Se si pensa che nei tribunali di modeste dimensioni è
inevitabile che lo stesso giudice, che gestisce le procedure
concorsuali e autorizza il curatore ad agire od a resistere
nei giudizi, non può evitare talvolta di essere anche
il giudicante delle medesime controversie, è incontestabile
che la formula proposta possa consentire che le controversie
autorizzate dal giudice delegato siano decise sicuramente
da altro giudice del tribunale distrettuale e per quelle
che possono sorgere in quest'ultima sede, sussiste sempre
la possibilità di destinare giudici che in precedenza
non abbiano avuto modo di occuparsene.
Anche
in questa sede, come è già avvenuto per la
nuova normativa dettata in materia di amministrazione straordinaria,
sono stati previsti alla lettera ggg) specifici strumenti
di informazione, di comunicazione e di notificazione informatici
e telematici per tutti gli interessati, non esclusi gli
enti pubblici e qualsiasi interessato.
Peraltro,
la pratica impossibilità di procedere ad un'informazione
singulatim nei confronti dei potenziali interessati - stante
anche il loro numero e l'impossibilità di identificarli
- di tutti gli atti ed i provvedimenti che caratterizzano
l'attuazione del procedimento concorsuale, rende invero
imprescindibile un largo ricorso a forme di pubblicità
sostituiva che valgano a renderli altrimenti conoscibili.
Una
forma di pubblicità dell'attuale sistema fallimentare
è quella dell'affissione alla porta esterna del tribunale
in relazione alla quale spesso decorrono termini perentori
per il compimento di determinati atti processuali. Siffatto
sistema, sicuramente anacronistico ai nostri tempi, può
quanto meno essere coadiuvato da altri mezzi più
moderni che servano ad ampliare le possibilità di
conoscenza dei provvedimenti.
4.
Profili penali - Lo schema di disegno di legge-delega, per
la parte concernente la materia penale (articolo 3), non
si limita a conformare le norme incriminatrici già
contenute negli articoli 216 e seguenti della legge fallimentare
alle nuove norme previste per le procedure concorsuali.

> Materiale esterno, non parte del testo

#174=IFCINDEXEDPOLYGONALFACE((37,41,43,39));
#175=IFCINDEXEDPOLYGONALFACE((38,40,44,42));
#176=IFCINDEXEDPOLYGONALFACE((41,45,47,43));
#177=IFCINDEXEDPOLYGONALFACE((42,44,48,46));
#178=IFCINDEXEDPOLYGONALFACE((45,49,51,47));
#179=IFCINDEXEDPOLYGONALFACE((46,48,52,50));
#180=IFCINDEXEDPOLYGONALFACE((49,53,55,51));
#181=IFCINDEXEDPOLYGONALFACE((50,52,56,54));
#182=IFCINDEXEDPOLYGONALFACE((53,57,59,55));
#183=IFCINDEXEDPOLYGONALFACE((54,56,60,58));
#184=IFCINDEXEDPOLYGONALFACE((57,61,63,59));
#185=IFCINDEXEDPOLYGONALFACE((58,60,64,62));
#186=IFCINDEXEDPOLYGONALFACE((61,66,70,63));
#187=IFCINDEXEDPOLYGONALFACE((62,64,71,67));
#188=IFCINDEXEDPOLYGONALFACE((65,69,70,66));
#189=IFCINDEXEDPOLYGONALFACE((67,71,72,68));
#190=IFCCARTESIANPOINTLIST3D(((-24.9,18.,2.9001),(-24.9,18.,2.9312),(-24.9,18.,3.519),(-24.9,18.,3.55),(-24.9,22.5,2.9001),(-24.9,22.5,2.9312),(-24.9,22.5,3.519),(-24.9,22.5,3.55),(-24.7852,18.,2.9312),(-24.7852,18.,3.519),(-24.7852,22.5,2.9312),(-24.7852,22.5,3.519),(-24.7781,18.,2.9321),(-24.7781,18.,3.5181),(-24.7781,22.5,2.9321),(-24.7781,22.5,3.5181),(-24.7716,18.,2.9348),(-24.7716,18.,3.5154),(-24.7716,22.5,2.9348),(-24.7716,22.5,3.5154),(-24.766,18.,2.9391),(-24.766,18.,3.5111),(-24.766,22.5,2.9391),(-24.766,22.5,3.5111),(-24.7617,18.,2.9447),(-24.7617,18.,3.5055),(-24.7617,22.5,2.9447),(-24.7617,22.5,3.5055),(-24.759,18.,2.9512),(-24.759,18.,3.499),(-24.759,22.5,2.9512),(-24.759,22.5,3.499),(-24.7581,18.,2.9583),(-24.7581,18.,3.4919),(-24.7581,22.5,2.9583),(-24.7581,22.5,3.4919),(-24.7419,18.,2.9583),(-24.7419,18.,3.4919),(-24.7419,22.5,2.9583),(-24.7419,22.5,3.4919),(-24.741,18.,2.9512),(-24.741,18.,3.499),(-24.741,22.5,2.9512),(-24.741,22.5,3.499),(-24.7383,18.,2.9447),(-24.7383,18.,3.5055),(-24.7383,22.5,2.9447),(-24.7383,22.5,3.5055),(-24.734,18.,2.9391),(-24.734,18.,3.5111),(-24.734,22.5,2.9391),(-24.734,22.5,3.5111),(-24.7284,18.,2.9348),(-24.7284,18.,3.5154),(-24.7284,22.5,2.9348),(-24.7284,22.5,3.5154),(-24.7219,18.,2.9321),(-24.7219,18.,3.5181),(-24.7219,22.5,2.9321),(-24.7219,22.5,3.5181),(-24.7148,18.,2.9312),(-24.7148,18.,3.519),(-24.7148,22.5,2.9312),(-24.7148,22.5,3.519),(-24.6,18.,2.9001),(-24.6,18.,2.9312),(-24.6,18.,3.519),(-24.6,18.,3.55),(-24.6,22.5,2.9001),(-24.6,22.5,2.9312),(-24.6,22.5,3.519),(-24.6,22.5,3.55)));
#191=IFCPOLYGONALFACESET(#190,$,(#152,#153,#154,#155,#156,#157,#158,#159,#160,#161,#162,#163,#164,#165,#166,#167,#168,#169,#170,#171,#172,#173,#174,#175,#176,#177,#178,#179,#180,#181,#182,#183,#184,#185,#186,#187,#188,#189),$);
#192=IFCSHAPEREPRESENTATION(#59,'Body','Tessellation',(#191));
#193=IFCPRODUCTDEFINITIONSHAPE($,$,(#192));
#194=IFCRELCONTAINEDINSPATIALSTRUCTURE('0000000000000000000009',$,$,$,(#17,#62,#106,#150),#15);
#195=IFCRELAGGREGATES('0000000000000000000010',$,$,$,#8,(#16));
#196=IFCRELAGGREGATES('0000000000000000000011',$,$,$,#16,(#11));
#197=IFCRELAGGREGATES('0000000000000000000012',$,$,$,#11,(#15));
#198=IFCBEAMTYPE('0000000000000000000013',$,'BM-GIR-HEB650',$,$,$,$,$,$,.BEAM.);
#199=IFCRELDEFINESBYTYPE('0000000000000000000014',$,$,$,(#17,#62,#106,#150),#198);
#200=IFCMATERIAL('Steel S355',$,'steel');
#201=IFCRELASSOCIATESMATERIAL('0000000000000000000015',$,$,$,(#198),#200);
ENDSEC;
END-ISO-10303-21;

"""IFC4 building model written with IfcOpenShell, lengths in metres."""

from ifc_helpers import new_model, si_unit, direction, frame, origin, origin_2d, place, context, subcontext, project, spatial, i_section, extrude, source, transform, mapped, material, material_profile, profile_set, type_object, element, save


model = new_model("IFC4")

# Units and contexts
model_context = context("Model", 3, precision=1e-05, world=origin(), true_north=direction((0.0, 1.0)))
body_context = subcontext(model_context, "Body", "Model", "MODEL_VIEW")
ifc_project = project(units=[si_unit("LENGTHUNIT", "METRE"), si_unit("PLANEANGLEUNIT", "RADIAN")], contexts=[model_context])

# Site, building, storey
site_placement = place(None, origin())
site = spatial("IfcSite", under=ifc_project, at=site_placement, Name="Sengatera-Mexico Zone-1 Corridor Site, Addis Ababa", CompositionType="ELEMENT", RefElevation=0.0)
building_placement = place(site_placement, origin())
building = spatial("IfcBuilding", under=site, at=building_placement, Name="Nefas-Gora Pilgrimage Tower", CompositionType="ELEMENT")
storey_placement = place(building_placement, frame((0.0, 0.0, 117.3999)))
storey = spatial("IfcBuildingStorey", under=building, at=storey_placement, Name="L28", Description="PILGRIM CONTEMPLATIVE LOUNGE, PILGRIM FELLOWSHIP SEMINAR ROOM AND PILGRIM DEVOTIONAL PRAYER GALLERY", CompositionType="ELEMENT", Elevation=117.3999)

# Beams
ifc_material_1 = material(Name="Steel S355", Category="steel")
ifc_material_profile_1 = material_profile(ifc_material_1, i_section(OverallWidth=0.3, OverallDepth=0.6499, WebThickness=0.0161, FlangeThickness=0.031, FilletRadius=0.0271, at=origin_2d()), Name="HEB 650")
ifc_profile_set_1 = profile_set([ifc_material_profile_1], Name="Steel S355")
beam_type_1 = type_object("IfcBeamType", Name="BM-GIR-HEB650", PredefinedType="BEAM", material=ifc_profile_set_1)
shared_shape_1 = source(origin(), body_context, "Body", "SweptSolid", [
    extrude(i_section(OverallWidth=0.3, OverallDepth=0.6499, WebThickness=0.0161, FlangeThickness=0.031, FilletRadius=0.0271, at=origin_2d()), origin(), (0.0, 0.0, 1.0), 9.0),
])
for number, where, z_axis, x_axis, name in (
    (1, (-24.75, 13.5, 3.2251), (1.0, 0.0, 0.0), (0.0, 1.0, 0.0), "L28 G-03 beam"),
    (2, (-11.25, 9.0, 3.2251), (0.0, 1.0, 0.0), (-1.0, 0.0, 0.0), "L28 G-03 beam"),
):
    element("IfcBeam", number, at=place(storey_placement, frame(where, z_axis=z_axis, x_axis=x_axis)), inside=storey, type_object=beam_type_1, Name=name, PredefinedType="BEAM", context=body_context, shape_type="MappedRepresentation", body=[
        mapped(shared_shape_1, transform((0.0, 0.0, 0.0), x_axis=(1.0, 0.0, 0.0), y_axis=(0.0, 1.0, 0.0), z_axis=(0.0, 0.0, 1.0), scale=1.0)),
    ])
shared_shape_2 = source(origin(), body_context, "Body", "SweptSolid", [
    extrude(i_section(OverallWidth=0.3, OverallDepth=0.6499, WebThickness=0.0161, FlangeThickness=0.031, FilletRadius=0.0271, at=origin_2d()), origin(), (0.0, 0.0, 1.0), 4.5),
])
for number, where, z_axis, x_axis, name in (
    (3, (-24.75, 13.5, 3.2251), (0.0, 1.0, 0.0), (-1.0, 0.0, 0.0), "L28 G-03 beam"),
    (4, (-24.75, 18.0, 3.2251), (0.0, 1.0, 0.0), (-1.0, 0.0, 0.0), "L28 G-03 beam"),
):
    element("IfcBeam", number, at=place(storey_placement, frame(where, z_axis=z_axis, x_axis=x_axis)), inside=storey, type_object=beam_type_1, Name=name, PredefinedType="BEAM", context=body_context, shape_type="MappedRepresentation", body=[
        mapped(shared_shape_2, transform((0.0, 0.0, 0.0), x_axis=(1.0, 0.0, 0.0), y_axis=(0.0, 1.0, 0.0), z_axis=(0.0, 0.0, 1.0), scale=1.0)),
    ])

Esso, infatti, conferisce peculiare rilievo all'esigenza
di sanzionare solo quei comportamenti concretamente lesivi
degli interessi dei creditori. Significativamente in tal
senso (articolo 3, lettera e), comma 2 si esprime il criterio
direttivo in base al quale si prevede, per tutte le fattispecie
di bancarotta, una causa di non punibilità destinata
ad operare nel caso in cui la procedura si chiuda con l'integrale
pagamento dei creditori.
Si
è poi voluto evitare che condotte già sanzionate
efficacemente per effetto di disposizioni penali applicabili
con carattere di generalità, siano oggetto di peculiare
previsione sol perché poste in essere nel contesto
di vicende connesse all'insolvenza dell'impresa. Così,
esemplificativamente, può indicarsi la rinuncia a
riproporre il reato di ricettazione fallimentare, la cui
area applicativa risulta già in larga misura coperta
da altre norme incriminatrici quali lo stesso reato di concorso
in bancarotta, il favoreggiamento reale, la ricettazione
comune, l'usura. Analogamente, non viene riproposta la fattispecie
dell'interesse privato del curatore negli atti del fallimento
giacché a garanzia del medesimo interesse tutelato
dall'articolo 228 della legge fallimentare sono poste altre
norme incriminatrici quali l'articolo 323 del codice penale.
Pur
nell'innovativo impianto offerto dal disegno di legge, permane,
tuttavia, l'esigenza di reprimere con il ricorso alla sanzione
penale, quelle condotte che compromettono più significativamente
fondamentali principi in materia di obbligazioni quando
tali condotte siano ancorate alla procedura concorsuale.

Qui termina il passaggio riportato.